Use of Generalized Sheet Transition Conditions to Model Guided Waves on Metasurfaces/Metafilms

We use generalized sheet transition conditions (GSTCs) to investigate the existence of guided waves (both surface waves and complex modes) on a metafilm: a surface distribution of electrically small scatterers characterized by electric and magnetic surface susceptibilities. In this paper, excitation of a metafilm by both electric and magnetic line currents is investigated. The characteristics of the guided waves for both these polarizations are expressed in terms of the surface susceptibilities, which are directly related to the electric and magnetic polarizabilities of the scatterers composing the surface. We will show that the guided waves can have unique behaviors (not found in classical slab configurations) for judicious choices of the scatterers in the metafilm. For example, unlike a conventional dielectric slab, forward and backward surface waves as well as complex modes can be excited simultaneously on the metafilm, a direct consequence of engineering the properties of the constituent scatterers. Two different classes of modes (even and odd) are possible on the metasurface.
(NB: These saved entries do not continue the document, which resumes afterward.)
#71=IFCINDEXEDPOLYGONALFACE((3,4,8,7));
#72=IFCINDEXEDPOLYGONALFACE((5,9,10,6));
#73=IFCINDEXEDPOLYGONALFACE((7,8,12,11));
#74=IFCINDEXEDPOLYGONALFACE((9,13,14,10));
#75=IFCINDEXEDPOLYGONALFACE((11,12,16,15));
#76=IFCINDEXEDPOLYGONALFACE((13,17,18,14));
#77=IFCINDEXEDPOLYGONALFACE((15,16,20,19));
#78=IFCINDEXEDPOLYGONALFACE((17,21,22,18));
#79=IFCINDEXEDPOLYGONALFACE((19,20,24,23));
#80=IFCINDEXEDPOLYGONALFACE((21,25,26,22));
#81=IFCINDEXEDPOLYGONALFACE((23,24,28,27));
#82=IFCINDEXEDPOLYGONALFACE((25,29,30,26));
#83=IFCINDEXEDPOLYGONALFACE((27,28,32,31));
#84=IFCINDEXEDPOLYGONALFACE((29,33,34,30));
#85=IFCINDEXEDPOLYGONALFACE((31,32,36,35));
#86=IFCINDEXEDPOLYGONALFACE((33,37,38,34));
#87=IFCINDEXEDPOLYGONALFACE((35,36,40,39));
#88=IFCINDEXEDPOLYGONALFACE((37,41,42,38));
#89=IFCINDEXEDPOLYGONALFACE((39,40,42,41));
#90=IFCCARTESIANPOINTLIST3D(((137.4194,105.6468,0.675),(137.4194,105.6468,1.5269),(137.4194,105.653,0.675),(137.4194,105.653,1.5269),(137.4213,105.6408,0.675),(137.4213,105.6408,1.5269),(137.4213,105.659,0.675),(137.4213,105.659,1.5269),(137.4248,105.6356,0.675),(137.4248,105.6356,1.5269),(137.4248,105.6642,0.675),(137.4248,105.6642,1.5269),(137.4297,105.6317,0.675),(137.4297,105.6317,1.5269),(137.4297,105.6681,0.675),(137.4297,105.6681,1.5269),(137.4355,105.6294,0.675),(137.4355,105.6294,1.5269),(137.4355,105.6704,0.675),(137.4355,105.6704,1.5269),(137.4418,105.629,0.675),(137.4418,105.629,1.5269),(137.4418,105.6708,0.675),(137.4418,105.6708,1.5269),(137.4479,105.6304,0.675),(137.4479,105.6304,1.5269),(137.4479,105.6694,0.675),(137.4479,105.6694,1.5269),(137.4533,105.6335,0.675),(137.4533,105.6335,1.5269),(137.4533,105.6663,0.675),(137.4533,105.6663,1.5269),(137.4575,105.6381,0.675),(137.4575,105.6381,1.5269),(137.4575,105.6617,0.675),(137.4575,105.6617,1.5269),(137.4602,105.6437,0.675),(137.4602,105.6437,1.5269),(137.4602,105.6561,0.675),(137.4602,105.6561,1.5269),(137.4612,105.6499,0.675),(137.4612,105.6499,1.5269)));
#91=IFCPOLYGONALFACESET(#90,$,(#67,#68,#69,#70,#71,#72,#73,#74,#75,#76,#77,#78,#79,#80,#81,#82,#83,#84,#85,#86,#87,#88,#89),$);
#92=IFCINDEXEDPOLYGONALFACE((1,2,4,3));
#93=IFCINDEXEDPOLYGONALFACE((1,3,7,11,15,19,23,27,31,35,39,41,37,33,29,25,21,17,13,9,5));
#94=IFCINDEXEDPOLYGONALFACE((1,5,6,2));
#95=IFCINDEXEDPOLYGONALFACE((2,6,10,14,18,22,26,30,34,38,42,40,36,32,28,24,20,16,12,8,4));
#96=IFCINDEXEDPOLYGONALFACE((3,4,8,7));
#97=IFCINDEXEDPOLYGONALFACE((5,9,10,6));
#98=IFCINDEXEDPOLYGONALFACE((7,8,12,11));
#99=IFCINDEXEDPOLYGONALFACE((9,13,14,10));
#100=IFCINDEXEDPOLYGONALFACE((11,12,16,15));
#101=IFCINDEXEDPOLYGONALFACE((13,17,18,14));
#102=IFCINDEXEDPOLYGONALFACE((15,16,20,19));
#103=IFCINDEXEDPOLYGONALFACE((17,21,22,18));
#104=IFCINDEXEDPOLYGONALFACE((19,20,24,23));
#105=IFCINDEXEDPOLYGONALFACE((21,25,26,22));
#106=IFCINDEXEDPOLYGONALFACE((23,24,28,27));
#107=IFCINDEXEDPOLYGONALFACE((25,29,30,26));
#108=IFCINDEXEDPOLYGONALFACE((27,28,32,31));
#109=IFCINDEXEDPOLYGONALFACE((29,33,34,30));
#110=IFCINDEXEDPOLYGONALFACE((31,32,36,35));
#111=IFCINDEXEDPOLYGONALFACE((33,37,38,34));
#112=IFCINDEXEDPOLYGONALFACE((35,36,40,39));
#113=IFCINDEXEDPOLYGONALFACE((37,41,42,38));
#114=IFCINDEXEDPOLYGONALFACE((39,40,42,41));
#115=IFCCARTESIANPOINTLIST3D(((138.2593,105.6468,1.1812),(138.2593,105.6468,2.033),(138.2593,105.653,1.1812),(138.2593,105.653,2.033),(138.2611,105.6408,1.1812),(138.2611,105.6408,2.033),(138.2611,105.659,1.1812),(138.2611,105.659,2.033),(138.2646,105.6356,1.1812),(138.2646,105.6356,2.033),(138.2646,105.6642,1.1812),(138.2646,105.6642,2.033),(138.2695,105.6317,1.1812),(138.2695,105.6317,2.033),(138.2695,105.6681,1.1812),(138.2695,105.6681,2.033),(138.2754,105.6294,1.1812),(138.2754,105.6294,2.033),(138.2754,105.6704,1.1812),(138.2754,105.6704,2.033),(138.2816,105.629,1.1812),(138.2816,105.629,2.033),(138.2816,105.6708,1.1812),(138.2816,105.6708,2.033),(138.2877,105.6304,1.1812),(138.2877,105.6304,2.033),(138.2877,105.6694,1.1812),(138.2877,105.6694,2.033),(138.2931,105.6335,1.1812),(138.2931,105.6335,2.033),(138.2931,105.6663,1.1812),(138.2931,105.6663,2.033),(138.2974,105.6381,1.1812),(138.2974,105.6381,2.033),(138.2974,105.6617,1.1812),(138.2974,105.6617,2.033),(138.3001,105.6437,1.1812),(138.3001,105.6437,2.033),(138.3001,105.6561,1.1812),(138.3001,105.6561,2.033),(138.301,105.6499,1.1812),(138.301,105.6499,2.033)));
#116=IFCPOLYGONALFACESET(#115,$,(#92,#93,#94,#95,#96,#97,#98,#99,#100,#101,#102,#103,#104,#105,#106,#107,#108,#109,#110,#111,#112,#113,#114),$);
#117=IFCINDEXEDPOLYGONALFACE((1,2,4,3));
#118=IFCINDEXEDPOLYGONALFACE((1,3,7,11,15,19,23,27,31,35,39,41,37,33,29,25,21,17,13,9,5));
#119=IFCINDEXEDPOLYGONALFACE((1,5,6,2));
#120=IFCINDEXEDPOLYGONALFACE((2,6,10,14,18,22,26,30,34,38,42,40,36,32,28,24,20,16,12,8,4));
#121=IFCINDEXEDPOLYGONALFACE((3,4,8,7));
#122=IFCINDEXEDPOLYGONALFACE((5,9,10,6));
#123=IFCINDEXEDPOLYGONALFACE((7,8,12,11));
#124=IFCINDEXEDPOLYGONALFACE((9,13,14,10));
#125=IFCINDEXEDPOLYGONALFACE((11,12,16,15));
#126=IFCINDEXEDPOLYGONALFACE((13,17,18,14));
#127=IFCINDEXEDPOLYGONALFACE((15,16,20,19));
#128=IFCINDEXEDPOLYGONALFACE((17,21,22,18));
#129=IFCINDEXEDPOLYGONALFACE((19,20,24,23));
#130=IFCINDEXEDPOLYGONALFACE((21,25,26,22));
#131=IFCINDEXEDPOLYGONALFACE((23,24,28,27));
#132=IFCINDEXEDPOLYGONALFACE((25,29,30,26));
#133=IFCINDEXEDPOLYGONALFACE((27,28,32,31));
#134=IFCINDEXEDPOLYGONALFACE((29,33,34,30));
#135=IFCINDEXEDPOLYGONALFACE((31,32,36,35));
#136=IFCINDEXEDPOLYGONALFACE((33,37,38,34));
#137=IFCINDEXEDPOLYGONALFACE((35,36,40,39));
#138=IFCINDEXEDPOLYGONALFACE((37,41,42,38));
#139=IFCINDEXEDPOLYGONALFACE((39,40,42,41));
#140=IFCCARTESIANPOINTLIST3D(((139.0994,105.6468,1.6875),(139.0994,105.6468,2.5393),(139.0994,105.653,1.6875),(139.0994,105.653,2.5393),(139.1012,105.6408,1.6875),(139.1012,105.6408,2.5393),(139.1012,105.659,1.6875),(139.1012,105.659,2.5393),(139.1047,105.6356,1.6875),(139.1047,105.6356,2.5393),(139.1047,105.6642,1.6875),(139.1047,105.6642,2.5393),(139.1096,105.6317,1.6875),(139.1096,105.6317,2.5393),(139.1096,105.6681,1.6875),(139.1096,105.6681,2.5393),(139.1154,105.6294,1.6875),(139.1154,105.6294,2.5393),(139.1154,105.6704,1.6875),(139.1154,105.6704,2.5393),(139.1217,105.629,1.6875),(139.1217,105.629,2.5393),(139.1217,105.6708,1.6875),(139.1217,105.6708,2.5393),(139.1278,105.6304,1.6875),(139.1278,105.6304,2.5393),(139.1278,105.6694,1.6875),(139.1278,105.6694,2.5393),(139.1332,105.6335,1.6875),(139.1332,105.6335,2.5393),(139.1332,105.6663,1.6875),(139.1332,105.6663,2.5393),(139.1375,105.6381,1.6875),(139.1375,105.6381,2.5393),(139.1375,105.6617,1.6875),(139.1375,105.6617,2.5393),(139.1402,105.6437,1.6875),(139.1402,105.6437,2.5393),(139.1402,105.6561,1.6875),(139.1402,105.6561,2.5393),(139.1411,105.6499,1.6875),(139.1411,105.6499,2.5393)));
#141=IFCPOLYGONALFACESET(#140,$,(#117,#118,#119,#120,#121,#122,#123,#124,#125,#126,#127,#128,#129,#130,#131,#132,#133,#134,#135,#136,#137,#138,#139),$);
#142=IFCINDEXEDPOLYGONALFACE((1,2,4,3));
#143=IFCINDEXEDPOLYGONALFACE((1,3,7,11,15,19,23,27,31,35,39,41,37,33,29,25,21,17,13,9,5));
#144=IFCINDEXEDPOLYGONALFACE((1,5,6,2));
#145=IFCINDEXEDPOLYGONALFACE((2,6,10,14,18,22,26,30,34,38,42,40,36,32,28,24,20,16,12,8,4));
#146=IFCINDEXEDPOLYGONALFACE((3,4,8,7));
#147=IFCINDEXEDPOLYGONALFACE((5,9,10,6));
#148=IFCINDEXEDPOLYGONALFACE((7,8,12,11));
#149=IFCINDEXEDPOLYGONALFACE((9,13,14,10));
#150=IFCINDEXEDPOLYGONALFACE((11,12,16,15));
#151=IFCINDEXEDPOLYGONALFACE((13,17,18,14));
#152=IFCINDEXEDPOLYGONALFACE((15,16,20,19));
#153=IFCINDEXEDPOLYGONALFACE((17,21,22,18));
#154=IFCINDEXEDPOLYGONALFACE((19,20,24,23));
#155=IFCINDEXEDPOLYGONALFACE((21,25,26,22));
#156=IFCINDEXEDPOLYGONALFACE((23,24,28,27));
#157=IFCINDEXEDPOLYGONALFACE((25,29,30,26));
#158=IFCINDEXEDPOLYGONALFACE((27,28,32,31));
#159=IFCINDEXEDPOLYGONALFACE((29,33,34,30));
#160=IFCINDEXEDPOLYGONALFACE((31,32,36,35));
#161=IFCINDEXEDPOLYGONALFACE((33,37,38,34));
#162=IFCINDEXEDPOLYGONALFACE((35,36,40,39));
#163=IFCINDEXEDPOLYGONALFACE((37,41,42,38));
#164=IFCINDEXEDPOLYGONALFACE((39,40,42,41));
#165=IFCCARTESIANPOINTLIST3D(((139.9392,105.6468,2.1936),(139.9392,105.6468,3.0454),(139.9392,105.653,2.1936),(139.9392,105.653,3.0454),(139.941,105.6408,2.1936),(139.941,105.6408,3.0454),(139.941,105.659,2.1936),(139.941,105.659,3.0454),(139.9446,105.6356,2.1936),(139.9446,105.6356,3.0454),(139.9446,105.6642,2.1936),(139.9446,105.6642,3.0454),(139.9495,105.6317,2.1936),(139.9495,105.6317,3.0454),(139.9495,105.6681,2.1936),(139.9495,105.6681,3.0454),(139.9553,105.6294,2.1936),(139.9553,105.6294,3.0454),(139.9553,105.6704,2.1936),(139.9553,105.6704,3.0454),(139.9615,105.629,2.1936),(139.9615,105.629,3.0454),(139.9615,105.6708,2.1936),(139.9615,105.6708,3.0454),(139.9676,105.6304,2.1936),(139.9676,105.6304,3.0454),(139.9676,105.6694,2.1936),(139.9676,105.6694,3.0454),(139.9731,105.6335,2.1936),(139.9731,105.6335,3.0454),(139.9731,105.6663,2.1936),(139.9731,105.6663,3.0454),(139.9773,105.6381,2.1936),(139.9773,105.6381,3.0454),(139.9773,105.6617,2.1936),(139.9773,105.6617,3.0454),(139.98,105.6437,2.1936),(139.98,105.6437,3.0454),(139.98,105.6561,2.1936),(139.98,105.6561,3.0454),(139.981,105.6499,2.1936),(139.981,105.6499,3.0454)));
The odd mode is analogous to the surface plasmon polariton seen on some metamaterials, and under certain conditions, the even mode is analogous to the classical dielectric slab surface wave. In order to validate the predictions presented here, we present numerical results for an electric-line source placed above a metafilm composed of spherical particles. We also show comparisons of propagation constants obtained from our model to other analytical results found in the literature. Finally, we show that the results from our formulation reduce to analytical results given in the literature for a thin dielectric layer.